Que retenez-vous de cet échange ?
Les réponses que nous avons eues sont à même de pouvoir désamorcer l’explosion qui se préparait du côté des pêcheurs. Il y aura des aides d’urgence pour les pêcheurs impactés et, à moyen terme, il y aura des aides qui permettront la restructuration de la filière pêche parce qu’il va falloir prendre en compte les effets collatéraux de cette crise. On ne sait pas combien de personnes ont concernés, mais ceux qui le seront sont des chefs d’entreprise et leurs salariés car il n’y a pas de navires sans les matelots. L’étude d’impact socio-économique qui aurait du avoir été commencée doit démarrer immédiatement de façon à ce que nous puissions quantifier les besoins et les possibilités de chaque entreprise. Le chlordécone est installé pour des siècles et c’est pourquoi nous avons demandé qu’il y ait des fonds alimentés de manière à prévoir dans le futur de nouvelles zones à nouveau impactées et d’autres professionnels touchés puisque chaque fois que l’eau de la montagne descend, c’est la mer qui se pollue…
Comment va s’opérer la restructuration de la filière ?
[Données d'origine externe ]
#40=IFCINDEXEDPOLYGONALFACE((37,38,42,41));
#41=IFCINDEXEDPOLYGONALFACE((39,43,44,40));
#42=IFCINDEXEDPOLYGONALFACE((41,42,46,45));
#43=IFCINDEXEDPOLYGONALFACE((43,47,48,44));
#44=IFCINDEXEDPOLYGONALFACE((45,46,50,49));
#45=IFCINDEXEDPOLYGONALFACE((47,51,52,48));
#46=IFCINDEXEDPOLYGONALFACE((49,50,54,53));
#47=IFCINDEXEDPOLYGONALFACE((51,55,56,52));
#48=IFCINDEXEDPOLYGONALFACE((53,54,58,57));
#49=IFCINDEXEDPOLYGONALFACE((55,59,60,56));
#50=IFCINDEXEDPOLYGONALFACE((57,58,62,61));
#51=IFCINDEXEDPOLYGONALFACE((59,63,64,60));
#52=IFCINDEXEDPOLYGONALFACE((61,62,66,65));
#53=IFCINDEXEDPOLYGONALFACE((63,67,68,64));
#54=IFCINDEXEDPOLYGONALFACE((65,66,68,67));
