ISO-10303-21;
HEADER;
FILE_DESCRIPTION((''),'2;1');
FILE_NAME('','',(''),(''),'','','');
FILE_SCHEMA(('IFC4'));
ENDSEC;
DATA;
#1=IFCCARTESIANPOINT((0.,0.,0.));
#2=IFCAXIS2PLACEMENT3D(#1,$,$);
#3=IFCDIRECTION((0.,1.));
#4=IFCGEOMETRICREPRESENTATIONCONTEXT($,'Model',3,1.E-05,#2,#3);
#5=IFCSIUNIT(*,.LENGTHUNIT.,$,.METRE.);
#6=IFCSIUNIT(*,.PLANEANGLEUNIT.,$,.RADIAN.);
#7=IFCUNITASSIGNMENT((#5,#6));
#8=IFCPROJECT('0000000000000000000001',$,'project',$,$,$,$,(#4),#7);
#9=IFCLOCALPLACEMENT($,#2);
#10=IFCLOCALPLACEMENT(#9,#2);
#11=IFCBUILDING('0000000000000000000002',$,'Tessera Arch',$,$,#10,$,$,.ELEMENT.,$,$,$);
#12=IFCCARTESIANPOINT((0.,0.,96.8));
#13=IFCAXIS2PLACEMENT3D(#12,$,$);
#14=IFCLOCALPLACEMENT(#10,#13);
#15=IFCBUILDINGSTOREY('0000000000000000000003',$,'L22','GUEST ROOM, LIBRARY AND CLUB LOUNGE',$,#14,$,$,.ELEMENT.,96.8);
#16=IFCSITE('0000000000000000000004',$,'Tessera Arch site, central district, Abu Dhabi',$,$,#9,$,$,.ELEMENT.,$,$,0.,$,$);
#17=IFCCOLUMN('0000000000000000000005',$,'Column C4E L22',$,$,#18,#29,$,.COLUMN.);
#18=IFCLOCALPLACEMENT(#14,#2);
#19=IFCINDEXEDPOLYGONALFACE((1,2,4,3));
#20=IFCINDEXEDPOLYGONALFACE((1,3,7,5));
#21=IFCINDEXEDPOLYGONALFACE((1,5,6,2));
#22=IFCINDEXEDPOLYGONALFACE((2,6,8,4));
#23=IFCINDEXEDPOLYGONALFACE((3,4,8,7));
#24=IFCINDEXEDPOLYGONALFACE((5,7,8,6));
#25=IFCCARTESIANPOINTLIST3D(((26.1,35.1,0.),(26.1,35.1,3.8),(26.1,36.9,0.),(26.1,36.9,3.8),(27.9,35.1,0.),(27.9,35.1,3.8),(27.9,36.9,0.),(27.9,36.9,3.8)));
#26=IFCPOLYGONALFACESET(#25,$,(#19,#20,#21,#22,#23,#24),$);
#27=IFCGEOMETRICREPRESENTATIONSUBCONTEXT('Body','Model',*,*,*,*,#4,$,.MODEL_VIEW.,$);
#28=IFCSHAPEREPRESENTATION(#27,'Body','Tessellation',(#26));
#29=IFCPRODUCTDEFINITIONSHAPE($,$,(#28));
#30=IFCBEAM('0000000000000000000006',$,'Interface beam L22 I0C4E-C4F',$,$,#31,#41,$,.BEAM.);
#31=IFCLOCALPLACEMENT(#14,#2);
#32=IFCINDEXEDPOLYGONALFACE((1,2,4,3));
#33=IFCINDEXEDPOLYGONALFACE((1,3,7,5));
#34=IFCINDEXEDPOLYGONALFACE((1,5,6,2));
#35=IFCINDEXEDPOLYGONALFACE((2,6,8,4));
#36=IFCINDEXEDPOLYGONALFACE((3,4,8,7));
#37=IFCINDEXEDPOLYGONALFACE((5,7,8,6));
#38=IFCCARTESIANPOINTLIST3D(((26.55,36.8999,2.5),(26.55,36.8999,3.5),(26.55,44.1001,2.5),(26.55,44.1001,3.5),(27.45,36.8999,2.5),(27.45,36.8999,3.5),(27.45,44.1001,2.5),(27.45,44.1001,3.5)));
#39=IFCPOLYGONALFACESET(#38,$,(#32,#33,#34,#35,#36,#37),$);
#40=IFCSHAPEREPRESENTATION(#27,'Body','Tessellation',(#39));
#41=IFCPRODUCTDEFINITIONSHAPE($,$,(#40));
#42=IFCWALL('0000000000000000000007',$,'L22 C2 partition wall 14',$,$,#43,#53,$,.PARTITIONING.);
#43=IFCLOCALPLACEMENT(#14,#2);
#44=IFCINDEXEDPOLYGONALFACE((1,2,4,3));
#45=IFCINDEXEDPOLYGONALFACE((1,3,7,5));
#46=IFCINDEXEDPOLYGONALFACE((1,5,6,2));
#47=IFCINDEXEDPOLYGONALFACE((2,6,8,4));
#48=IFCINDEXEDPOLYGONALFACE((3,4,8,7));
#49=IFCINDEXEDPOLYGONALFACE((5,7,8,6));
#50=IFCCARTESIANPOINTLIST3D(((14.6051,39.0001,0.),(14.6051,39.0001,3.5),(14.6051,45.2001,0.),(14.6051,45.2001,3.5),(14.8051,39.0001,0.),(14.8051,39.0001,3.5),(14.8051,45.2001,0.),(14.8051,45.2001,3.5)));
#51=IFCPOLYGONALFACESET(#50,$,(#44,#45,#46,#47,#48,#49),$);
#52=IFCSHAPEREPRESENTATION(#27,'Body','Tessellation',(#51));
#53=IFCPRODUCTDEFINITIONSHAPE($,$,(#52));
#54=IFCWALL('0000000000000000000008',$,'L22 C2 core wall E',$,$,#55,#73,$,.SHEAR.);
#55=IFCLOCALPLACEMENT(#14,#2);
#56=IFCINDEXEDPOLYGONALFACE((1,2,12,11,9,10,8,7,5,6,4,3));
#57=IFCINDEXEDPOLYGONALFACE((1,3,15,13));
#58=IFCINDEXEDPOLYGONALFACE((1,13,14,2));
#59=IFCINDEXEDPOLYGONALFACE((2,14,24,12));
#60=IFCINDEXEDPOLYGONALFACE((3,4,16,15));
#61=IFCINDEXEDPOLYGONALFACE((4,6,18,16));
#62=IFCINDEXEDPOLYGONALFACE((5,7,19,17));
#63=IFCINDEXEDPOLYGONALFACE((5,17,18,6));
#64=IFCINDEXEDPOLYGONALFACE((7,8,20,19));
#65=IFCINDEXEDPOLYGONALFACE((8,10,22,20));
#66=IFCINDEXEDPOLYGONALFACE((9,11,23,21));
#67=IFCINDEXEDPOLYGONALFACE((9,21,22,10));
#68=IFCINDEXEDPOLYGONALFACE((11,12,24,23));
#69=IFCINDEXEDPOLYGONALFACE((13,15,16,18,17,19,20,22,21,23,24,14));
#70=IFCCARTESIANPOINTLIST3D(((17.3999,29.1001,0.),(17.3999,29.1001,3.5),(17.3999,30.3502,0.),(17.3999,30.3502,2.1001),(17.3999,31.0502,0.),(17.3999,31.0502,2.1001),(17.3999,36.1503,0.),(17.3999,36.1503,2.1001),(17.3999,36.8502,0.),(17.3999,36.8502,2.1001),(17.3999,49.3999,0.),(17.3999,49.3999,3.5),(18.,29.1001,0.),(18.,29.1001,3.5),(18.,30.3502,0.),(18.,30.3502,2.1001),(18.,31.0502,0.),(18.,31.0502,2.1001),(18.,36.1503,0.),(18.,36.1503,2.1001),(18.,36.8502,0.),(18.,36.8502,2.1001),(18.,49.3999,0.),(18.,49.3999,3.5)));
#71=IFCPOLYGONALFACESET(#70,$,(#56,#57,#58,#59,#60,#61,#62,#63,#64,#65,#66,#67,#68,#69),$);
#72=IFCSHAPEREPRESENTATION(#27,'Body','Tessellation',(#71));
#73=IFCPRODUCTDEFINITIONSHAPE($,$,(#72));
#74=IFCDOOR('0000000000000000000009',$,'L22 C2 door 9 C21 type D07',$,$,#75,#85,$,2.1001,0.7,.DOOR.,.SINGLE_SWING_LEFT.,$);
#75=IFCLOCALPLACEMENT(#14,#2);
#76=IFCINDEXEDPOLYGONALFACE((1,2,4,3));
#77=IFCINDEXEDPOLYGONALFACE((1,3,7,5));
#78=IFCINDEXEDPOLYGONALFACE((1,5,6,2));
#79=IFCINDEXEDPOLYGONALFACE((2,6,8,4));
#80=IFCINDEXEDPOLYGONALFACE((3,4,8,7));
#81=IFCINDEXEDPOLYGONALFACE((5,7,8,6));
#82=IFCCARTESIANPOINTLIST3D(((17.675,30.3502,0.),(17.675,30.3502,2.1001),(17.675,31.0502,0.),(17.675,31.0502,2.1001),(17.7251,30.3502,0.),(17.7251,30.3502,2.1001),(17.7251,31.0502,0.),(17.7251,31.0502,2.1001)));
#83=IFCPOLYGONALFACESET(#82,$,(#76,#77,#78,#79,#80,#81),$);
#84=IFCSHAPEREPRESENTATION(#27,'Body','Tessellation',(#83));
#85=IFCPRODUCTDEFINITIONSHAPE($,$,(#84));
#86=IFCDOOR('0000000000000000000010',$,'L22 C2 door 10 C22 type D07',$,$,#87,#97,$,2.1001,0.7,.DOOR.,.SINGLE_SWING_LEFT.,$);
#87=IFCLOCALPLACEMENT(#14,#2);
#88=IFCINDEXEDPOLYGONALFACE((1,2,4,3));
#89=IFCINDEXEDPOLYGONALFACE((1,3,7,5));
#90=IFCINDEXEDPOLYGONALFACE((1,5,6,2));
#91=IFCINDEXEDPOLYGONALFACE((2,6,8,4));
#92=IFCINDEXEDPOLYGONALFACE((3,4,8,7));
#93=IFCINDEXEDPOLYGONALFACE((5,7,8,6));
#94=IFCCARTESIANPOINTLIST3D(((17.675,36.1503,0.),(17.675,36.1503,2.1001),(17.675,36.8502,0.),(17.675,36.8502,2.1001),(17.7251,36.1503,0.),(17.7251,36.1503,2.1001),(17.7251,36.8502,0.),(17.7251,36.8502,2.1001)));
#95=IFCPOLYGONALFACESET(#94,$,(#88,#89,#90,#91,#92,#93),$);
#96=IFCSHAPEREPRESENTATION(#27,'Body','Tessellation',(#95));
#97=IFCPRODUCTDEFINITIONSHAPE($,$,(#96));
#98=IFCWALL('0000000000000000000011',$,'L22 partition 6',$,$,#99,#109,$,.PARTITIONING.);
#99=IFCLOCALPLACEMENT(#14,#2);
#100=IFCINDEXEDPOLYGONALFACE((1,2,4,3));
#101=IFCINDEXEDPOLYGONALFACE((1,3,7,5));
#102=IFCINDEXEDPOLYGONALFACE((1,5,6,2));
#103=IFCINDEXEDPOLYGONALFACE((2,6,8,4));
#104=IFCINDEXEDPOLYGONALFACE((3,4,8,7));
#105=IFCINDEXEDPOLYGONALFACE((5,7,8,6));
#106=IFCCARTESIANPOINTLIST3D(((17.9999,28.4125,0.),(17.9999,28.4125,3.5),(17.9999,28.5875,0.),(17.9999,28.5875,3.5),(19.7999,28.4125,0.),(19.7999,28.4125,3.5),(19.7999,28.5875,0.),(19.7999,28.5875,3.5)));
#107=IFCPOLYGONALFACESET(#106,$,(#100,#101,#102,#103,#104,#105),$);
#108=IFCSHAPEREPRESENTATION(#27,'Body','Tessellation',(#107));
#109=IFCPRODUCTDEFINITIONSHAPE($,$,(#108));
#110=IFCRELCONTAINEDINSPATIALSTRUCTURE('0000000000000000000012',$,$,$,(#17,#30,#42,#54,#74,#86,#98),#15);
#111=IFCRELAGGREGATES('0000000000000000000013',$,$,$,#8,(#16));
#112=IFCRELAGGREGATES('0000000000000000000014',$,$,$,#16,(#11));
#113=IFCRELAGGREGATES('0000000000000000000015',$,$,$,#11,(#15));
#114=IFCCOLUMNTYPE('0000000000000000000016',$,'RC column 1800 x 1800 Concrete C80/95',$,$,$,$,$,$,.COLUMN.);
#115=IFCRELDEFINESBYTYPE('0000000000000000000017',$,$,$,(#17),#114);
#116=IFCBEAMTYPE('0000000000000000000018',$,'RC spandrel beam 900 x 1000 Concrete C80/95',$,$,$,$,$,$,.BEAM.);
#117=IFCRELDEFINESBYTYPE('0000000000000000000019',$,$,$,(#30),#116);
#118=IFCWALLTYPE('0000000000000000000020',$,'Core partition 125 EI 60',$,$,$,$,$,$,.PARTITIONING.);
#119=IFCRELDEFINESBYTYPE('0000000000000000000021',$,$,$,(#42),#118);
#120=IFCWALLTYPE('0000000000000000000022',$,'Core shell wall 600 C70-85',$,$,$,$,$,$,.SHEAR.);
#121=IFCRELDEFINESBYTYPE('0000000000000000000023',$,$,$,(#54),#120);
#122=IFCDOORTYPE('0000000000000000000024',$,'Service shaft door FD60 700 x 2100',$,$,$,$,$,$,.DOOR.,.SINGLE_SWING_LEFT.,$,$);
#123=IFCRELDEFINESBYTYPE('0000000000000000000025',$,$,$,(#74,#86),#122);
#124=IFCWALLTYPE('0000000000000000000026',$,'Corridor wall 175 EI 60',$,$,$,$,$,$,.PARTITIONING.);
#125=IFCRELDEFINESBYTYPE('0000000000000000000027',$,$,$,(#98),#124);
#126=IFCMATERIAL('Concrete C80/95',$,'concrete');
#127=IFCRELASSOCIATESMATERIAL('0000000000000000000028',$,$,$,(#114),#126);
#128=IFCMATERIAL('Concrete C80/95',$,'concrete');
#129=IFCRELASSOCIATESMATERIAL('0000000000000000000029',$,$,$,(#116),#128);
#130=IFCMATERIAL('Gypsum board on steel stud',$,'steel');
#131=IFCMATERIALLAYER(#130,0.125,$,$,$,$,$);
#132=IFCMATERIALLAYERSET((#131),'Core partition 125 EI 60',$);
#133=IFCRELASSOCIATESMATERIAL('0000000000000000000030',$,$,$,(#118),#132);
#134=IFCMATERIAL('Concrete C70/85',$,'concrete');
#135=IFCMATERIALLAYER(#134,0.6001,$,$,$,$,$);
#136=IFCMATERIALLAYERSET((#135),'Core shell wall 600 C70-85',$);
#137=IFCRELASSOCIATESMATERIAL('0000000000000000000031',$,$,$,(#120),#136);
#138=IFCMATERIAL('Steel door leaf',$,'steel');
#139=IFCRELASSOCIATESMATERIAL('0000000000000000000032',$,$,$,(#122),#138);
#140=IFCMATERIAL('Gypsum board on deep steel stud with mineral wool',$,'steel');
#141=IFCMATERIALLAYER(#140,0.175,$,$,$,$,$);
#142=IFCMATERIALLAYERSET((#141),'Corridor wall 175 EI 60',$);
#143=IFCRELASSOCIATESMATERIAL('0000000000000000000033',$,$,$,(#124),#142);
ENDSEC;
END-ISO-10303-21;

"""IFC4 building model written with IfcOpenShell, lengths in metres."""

from ifc_helpers import new_model, si_unit, direction, frame, frame_2d, origin, origin_2d, place, context, subcontext, project, spatial, rectangle, extrude, material, layer, layer_set, material_profile, profile_set, type_object, element, fill, save


model = new_model("IFC4")

# Units and contexts
model_context = context("Model", 3, precision=1e-05, world=origin(), true_north=direction((0.0, 1.0)))
body_context = subcontext(model_context, "Body", "Model", "MODEL_VIEW")
ifc_project = project(units=[si_unit("LENGTHUNIT", "METRE"), si_unit("PLANEANGLEUNIT", "RADIAN")], contexts=[model_context])

# Site, building, storey
site_placement = place(None, origin())
site = spatial("IfcSite", under=ifc_project, at=site_placement, Name="Tessera Arch site, central district, Abu Dhabi", CompositionType="ELEMENT", RefElevation=0.0)
building_placement = place(site_placement, origin())
building = spatial("IfcBuilding", under=site, at=building_placement, Name="Tessera Arch", CompositionType="ELEMENT")
storey_placement = place(building_placement, frame((0.0, 0.0, 96.8)))
storey = spatial("IfcBuildingStorey", under=building, at=storey_placement, Name="L22", Description="GUEST ROOM, LIBRARY AND CLUB LOUNGE", CompositionType="ELEMENT", Elevation=96.8)

# Column
ifc_material_1 = material(Name="Concrete C80/95", Category="concrete")
ifc_material_profile_1 = material_profile(ifc_material_1, rectangle(XDim=1.8, YDim=1.8, at=origin_2d()), Name="RC column 1800 x 1800 Concrete C80/95")
ifc_profile_set_1 = profile_set([ifc_material_profile_1], Name="Concrete C80/95")
column_type = type_object("IfcColumnType", Name="RC column 1800 x 1800 Concrete C80/95", PredefinedType="COLUMN", material=ifc_profile_set_1)
column_placement = place(storey_placement, frame((27.0, 36.0, 0.0), z_axis=(0.0, 0.0, 1.0), x_axis=(1.0, 0.0, 0.0)))
element("IfcColumn", 1, at=column_placement, inside=storey, type_object=column_type, Name="Column C4E L22", PredefinedType="COLUMN", context=body_context, shape_type="SweptSolid", body=[
    extrude(rectangle(XDim=1.8, YDim=1.8, at=origin_2d()), origin(), (0.0, 0.0, 1.0), 3.8),
])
Elle doit toucher l’ensemble de la filière avec la remise sur pied de la coopérative et la mise en place du comité technique industriel. Nous y réfléchissons si tant est qu’on nous donne les moyens de mettre cette politique en œuvre par le biais du comité régional des pêches. Nous aurons accès aux POSEI si nous présentons une filière organisée. Ces financements ne sont, hélas, pas dans les tiroirs compte tenu de la crise. Certains ont déjà touché une partie des aides de minimis* en 2010 et il y a une possibilité supplémentaire. Mais ceux qui en ont bénéficié (entre 2 et 10 000 €) n’ont eu ni reconversion, ni accompagnement. L’aide d’urgence, oui, mais si on ne va pas vers un redéploiement de la profession sur de nouvelles activités, dans quelques mois on sera encore au point de départ.
Quelles sont ces nouvelles activités ?
Ce peut être des sorties de flotte, une réorientation vers la pêche hauturière ou, pour ceux qui ont des terrains, une reconversion vers l’écotourisme et les gîtes d’accueil. Ils auront tous besoin de plans de financement. Nous sommes donc partis pour quelques bonnes séances de travail encore.